Sent mine through USPS.  It arrived within 2 weeks, no issues.

----------


## Mat Rous

They are ways of shipping it. I've never sent one but picked up plenty. PM Gordon Armstrong on here as he sends swords within Oz

----------


## Glenn Jones

The original gentleman who wanted to buy this katana suffered some financial setbacks and I have decided to keep the 25th Anniversary Shinto but I am still mystified by the Australian Fedex response when many dealers in the USA use Fedex for their deliveries.

----------


## Anthony Van

It is strange, all my katana are shipped to me in Canada via FedEx

----------


## BlaiseCarlisle

I've imported some swords, just by standard post, and had no problems. In my cases I was concerned they might be too short, and classified as knives, which are apparently illegal to import (why, I'm not entirely sure).

----------


## Glenn Jones

I am mystified also. My local Post Office have a container that postal items must fit it (hence the 105 cms size restriction). But companies in the USA advertise they will send katanas by FEDEX. Why does FEDEX in Australia have a different set of rules that don't allow shipping of swords. Is this just a local FEDEX law?

----------


## Glenn Jones

I am now even more mystified by our mail service in Australia and FEDEX. I just received a new HSTS katana from the USA. It was sent via (of all companies) FEDEX. Even more amazing, when it arrived in Australia, FEDEX did not deliver it themselves (I thought they advertised delivery to your door) but handed it to Australian Air Express (which is I believe a division of Australia Post) for delivery to my local Post Office.

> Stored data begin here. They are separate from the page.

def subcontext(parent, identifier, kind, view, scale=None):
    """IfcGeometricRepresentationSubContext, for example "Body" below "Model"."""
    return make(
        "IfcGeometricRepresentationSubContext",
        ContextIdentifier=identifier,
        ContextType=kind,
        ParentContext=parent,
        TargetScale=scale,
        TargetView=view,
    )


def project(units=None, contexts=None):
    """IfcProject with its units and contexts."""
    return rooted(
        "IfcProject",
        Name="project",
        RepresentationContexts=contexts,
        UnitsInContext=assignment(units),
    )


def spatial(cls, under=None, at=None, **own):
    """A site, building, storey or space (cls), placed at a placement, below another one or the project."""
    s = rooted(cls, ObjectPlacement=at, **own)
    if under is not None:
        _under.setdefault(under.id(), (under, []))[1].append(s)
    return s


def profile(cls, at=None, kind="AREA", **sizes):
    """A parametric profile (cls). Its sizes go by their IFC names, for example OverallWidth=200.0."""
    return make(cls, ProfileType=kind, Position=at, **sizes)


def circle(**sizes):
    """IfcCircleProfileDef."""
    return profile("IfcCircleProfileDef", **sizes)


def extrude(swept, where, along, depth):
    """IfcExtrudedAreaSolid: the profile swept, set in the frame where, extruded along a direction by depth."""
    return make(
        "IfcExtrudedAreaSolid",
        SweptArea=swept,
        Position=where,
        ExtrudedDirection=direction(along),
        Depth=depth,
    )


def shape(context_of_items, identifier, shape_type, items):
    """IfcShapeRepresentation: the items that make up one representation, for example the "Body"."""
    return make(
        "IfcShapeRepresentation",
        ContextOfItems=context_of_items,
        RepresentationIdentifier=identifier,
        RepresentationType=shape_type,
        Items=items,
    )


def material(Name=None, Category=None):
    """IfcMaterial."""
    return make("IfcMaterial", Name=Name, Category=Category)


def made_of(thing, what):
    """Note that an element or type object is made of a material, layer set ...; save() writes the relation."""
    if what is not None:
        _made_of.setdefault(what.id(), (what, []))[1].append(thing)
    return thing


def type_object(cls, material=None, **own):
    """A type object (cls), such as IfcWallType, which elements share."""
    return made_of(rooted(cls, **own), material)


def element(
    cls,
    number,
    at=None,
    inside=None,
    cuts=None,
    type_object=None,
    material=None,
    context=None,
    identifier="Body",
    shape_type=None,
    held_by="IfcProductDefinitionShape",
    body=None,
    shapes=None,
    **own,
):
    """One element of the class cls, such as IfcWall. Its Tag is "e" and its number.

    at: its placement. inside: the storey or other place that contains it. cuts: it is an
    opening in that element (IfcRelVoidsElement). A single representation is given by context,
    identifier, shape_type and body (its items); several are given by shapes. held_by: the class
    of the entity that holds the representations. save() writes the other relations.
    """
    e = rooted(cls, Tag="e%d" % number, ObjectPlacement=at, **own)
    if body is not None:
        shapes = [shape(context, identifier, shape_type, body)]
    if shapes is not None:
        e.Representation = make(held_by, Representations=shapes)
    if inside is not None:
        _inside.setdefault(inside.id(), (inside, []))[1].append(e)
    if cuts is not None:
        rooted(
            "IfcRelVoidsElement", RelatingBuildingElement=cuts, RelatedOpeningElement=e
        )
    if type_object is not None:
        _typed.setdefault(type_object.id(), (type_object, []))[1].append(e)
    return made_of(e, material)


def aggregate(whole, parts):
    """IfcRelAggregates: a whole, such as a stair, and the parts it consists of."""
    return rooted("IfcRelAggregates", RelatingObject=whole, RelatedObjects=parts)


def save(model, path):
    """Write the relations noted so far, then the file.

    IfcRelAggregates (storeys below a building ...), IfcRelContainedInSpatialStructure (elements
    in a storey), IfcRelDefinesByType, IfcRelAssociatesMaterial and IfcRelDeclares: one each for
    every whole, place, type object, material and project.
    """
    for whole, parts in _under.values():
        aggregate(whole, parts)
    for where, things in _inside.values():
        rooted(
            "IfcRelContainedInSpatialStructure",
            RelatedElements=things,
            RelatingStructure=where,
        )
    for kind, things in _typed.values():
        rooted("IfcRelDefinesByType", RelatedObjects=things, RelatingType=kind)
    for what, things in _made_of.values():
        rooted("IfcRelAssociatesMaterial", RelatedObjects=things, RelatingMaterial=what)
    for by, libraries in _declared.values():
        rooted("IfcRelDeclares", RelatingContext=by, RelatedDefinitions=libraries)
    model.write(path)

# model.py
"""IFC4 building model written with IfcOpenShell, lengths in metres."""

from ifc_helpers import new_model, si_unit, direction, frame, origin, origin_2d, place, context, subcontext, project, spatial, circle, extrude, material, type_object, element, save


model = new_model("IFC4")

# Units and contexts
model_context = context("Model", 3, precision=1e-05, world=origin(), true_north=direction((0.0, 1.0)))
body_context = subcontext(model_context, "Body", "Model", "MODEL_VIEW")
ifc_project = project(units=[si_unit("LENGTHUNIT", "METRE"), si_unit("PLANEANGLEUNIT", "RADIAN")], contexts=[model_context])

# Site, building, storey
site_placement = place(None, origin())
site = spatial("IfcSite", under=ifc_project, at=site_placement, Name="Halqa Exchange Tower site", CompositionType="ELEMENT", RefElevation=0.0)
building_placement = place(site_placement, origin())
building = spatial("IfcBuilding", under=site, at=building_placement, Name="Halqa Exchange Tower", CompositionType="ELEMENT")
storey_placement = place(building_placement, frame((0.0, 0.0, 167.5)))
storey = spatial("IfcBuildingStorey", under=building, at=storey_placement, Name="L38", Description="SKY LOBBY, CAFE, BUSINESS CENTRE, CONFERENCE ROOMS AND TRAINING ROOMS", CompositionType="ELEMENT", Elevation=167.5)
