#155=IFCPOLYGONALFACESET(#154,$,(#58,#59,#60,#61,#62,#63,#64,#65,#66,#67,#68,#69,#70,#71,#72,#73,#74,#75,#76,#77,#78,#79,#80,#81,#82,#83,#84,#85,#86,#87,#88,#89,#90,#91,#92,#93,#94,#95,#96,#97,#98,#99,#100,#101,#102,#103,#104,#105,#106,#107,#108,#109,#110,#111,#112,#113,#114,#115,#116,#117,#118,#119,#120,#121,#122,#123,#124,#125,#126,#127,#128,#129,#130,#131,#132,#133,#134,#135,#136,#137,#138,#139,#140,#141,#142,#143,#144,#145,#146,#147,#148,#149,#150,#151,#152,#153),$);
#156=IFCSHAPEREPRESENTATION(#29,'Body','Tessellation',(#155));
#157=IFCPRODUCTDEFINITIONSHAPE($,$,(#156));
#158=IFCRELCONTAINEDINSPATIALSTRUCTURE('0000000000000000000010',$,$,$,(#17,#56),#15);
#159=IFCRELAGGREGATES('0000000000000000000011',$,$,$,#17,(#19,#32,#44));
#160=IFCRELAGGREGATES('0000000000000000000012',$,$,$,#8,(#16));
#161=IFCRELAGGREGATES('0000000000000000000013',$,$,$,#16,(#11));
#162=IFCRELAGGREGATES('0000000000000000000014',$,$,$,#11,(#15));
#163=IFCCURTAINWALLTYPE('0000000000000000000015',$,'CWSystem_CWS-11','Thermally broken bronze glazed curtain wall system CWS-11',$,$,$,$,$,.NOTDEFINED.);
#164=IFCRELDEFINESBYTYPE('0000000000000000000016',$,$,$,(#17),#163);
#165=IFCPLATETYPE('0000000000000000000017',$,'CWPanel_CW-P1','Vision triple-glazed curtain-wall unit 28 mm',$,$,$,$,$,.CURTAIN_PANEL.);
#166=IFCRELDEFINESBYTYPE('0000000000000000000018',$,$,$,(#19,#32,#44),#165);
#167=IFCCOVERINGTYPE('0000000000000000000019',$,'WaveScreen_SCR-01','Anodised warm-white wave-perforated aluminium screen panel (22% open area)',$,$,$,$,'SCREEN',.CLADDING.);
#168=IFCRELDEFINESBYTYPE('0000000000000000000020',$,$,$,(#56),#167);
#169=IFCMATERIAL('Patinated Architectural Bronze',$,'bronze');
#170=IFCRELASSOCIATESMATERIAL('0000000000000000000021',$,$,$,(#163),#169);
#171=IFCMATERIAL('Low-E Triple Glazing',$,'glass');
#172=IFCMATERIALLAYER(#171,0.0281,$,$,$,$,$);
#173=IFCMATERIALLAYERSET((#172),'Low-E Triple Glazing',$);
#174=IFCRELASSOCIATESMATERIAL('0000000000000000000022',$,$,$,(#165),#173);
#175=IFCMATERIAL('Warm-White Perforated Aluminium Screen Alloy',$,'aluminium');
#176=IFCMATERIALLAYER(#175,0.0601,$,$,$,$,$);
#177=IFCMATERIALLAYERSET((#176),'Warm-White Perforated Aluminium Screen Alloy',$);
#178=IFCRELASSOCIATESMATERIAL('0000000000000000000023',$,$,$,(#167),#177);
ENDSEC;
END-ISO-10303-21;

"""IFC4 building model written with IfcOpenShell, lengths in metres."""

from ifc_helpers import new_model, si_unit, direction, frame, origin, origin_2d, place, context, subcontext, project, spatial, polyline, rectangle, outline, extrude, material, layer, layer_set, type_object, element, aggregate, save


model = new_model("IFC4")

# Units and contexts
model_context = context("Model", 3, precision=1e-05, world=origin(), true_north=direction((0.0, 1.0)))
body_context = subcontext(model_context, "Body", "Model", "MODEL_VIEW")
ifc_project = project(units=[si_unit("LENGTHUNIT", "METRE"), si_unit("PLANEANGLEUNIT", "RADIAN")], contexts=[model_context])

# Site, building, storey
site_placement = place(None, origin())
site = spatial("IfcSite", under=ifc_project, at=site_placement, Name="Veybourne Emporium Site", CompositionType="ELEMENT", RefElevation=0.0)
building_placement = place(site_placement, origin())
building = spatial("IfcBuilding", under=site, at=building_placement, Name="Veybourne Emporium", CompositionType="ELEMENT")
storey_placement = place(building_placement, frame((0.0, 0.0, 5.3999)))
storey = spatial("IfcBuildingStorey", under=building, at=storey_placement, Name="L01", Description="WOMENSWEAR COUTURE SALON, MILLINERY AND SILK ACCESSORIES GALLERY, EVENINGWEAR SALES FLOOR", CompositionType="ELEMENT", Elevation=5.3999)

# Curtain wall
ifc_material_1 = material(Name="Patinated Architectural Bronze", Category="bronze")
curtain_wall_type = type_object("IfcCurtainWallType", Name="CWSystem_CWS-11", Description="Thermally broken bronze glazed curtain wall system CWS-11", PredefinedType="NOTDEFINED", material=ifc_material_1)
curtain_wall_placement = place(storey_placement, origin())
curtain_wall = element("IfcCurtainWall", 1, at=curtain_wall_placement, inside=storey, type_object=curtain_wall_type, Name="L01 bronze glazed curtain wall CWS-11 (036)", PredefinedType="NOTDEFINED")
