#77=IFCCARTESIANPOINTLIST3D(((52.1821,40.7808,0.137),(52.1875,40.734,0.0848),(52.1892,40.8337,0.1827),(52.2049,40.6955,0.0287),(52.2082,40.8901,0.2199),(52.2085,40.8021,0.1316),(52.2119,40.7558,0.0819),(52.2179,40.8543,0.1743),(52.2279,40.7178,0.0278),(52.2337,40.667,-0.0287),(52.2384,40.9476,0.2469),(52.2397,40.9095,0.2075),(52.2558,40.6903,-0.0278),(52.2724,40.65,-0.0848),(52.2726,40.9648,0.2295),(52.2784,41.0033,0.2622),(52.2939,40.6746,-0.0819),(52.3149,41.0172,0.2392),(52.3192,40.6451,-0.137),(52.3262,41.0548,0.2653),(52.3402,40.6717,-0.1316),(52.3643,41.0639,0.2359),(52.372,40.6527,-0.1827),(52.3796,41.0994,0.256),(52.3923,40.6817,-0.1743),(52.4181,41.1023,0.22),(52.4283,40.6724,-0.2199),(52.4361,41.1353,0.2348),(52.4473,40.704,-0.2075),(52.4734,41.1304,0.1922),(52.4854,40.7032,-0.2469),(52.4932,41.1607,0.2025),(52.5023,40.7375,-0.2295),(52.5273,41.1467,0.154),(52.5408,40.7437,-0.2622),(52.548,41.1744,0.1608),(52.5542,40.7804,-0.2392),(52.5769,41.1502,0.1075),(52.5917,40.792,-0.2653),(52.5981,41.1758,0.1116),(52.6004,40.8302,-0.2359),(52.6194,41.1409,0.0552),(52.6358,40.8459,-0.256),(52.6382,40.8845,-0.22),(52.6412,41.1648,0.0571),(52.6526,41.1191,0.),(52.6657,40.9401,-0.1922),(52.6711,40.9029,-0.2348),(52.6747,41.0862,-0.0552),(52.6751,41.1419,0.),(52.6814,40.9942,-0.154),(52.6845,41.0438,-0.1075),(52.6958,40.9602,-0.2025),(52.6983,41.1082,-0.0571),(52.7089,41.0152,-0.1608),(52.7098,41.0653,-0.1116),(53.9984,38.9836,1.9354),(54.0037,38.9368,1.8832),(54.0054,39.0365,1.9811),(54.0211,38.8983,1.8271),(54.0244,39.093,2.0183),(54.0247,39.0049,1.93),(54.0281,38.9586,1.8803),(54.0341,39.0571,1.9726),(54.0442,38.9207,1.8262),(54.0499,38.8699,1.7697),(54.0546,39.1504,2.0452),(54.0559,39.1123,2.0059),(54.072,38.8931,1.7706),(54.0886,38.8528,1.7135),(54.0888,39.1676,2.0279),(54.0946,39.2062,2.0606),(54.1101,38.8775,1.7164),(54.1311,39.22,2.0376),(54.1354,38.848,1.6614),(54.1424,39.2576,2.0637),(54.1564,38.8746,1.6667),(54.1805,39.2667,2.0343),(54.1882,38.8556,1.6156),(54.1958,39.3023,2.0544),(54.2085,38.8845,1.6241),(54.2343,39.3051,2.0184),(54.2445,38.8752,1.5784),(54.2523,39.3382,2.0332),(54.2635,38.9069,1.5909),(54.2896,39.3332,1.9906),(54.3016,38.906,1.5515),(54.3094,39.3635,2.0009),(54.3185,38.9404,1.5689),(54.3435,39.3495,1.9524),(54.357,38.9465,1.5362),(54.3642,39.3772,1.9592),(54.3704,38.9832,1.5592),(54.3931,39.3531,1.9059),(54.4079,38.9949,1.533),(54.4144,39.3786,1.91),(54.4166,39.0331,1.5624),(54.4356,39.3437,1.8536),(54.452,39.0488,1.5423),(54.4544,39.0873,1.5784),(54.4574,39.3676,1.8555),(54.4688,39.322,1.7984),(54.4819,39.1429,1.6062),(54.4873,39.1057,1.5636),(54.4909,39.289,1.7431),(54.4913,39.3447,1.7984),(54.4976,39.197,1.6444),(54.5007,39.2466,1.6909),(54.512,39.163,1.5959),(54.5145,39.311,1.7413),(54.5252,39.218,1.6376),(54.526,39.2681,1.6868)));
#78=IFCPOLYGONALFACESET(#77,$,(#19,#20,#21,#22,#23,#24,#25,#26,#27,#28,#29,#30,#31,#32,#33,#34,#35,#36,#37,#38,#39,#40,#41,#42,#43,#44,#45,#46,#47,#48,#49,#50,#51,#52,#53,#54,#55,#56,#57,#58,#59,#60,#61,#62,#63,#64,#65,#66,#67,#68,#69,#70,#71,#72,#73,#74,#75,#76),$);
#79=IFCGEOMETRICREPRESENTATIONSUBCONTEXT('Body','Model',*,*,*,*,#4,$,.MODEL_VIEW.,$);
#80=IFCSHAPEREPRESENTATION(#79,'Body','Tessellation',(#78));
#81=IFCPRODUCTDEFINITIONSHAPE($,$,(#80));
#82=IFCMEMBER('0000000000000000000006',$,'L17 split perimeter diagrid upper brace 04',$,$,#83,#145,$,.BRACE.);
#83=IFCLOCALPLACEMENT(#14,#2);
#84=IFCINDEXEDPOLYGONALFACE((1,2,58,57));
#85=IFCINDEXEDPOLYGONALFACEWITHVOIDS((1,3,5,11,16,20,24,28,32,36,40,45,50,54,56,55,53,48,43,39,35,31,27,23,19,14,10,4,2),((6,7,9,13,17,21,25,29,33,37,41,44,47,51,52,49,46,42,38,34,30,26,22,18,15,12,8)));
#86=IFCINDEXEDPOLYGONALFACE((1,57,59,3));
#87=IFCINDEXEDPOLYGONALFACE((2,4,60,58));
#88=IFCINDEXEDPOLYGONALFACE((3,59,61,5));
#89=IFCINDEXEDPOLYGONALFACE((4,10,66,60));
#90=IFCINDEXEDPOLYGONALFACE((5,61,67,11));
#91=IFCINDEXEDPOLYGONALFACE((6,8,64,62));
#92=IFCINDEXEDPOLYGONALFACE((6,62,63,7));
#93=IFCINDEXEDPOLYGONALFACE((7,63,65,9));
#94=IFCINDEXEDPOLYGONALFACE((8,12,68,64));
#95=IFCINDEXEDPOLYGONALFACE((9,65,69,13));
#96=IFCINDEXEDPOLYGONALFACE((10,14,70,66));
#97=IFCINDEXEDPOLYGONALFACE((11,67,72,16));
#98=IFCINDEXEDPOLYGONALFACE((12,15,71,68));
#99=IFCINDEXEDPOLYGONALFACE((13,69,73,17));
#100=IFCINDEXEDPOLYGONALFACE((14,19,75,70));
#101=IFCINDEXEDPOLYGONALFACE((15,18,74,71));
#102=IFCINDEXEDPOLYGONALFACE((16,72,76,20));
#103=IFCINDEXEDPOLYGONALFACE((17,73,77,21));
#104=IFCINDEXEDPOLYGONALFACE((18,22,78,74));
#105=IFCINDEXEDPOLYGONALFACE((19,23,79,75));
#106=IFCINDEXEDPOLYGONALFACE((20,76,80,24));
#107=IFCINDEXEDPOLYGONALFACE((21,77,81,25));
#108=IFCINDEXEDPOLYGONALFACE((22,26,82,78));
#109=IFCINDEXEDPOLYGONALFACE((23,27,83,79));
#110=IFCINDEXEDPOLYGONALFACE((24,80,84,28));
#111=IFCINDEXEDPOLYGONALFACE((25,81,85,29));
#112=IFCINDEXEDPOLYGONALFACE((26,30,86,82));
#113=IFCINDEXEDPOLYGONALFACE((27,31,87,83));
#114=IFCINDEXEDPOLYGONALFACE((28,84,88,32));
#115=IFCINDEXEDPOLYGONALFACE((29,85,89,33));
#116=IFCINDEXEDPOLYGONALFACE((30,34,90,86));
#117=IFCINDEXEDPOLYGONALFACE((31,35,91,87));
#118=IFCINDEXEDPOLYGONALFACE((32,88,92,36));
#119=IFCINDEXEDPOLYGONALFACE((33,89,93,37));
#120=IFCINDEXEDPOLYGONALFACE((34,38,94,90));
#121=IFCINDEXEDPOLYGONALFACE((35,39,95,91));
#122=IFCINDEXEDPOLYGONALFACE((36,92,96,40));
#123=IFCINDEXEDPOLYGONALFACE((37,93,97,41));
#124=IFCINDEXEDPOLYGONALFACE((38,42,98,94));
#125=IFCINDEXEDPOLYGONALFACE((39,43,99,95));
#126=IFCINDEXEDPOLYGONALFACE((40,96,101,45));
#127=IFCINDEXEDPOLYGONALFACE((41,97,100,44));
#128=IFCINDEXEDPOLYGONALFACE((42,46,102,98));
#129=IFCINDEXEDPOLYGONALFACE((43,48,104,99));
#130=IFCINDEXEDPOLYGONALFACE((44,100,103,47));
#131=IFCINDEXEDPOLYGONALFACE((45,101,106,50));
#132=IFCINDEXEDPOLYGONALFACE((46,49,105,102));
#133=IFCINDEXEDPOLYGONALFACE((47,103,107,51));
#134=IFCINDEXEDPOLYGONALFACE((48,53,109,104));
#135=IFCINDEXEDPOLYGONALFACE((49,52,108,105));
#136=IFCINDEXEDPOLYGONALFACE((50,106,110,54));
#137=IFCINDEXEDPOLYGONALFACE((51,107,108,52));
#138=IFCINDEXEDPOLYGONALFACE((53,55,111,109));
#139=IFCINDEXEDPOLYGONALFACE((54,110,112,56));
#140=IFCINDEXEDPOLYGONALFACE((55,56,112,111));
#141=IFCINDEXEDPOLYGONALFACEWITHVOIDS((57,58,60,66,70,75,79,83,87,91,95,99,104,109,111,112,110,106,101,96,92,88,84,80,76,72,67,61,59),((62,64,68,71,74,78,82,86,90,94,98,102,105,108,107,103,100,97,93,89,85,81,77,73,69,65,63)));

The amazing thing about this is that the package clearly was longer than the Australia Post limit of 105 cms, that's why the sender used FEDEX and not Australia Post (via USPS). This also nearly created a catastrophe for me. You see the delivery address was now incorrect for Australia Post delivery which in normal circumstances means the item has to be returned to the sender. Because I live in a rural area in Australia, Australia Post will not deliver mail to my home and don't recognise my home address (presumably distances are too far for delivery). I have to have a PO Box in the nearest town to receive my mail. But because the sender was sending the katana by a Courier company (couriers do deliver to my home address and are not allowed to use Australian Post Offices), I provided my actual home address to the sender (which Australia Post do not recognise). Australia Post have strict rules that state if the wrong address is placed on postal items they will be returned to the sender. This instruction is clearly posted on the wall of every Post Office.  Luckily, I live in a relatively small rural area and the local Post Office staff know me and were alert and recognised that the parcel was for me. I suppose "all's well that ends well" and I did receive my katana. Thank goodness for my local Post Office staff, and brass monkies to FEDEX and Australia Post who clearly have no idea of the problems of people living in rural areas in Australia.

----------